Ya sea transparente, azul o índigo, el nomeolvides es la más azul de las flores azules. Pero su belleza también se puede apreciar en blanco, para combinar con otros formatos pequeños como lirio de los valles, guisantes de olor o rosas silvestres. El pelargonium, un clásico urbano de fácil cuidado, también se beneficia del maridaje, especialmente con gramíneas, gauras o hiedra abigarrada. Si inunda prados y bordes de caminos, la margarita, prima de la margarita, trae, ya en ramo, luz solar y encanto bucólico. Irresistible.
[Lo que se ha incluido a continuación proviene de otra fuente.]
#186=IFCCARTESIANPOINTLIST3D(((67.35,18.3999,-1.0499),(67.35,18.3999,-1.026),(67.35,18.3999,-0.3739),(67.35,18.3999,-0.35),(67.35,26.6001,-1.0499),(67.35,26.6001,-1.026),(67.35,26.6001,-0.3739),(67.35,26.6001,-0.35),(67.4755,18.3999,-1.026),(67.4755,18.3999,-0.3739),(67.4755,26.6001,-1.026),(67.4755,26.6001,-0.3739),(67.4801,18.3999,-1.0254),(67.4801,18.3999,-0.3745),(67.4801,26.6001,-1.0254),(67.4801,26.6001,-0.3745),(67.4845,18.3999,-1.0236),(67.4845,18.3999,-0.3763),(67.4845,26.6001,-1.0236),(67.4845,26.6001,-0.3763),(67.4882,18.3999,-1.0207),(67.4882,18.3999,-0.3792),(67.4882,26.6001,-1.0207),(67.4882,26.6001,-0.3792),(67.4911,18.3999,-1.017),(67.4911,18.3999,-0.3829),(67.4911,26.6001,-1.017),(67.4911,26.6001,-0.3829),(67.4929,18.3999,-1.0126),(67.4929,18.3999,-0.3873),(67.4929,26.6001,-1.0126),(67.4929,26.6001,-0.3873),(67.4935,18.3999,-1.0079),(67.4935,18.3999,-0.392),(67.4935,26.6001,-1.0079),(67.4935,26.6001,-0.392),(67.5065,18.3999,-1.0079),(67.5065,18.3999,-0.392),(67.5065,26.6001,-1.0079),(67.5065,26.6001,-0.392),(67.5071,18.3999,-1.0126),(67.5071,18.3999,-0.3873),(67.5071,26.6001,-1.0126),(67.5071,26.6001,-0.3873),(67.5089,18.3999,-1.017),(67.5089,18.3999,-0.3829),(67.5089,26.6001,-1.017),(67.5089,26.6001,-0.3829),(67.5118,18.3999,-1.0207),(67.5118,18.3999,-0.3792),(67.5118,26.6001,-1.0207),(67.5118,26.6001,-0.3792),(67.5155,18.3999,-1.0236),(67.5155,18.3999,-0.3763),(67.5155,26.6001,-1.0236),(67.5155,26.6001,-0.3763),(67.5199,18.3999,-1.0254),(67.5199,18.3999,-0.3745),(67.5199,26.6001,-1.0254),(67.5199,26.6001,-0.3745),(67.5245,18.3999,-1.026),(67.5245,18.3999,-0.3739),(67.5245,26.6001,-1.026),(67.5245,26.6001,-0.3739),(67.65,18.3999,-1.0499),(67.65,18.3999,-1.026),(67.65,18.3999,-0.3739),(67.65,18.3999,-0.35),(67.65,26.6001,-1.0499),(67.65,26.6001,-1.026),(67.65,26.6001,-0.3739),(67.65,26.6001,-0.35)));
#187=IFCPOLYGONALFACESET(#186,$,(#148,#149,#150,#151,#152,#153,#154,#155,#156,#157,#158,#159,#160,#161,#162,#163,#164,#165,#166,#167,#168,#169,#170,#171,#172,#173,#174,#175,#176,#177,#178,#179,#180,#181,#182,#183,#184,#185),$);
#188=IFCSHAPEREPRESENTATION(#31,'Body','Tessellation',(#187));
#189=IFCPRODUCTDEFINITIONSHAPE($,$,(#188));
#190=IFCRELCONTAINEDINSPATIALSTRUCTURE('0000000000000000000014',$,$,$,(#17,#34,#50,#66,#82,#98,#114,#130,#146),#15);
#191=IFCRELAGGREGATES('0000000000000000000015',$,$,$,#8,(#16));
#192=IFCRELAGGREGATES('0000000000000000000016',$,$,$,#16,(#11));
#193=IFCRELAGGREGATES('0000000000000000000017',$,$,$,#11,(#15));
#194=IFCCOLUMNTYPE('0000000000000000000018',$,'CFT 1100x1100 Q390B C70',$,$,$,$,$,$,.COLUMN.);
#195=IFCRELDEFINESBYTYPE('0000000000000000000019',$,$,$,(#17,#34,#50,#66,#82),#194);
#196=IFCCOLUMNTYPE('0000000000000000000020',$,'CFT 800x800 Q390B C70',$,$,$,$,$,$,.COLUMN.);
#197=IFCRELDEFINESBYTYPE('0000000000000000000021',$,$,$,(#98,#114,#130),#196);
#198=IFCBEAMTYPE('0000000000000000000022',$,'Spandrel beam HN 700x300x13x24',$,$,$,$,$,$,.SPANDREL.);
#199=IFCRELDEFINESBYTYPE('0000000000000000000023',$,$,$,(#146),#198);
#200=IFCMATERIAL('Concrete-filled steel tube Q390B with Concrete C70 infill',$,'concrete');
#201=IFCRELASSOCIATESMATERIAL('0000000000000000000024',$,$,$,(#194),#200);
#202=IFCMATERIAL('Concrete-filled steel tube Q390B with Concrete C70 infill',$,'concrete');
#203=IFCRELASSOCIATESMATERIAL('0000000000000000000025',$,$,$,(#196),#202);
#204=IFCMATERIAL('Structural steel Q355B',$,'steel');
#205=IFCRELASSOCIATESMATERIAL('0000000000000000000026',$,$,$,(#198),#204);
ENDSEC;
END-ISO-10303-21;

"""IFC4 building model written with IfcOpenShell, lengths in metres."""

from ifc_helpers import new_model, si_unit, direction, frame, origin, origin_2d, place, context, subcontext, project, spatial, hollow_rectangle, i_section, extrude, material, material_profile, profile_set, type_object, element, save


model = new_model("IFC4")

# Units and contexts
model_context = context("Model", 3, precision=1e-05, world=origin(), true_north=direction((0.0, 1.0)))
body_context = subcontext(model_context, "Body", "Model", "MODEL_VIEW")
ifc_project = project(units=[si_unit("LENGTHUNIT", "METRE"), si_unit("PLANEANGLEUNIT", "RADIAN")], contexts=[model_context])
El nomeolvides, ángel azul que cayó del cielo

Siempre parece un poco vagabunda, un poco desaliñada, un poco etérea, un año aquí, otro año allá. Unas veces al pie de un árbol, otras en el hueco de un muro. “El nomeolvides alpino es una especie espontánea en Francia”, explica Pierre Byache-Kersemaecker, director de By Seed, distribuidor de semillas para profesionales. Nunca se sabe si lo que ves está cultivado, si ha sido trabajado o si se ha escapado de un jardín. Pero si le gusta un lugar, Miosotis sylvatica puede volver a sembrarse y “volver al mismo lugar el año que viene”. La prima de la consuelda y la borraja es una buena compañera de las muy acogedoras flores bulbosas. “Sobre todo los tulipanes, con sus hojas un tanto feas.” dice el director de By Seed, quien sugiere camuflar sus tallos algo desnudos ahogándolos “en un mar de nomeolvides”.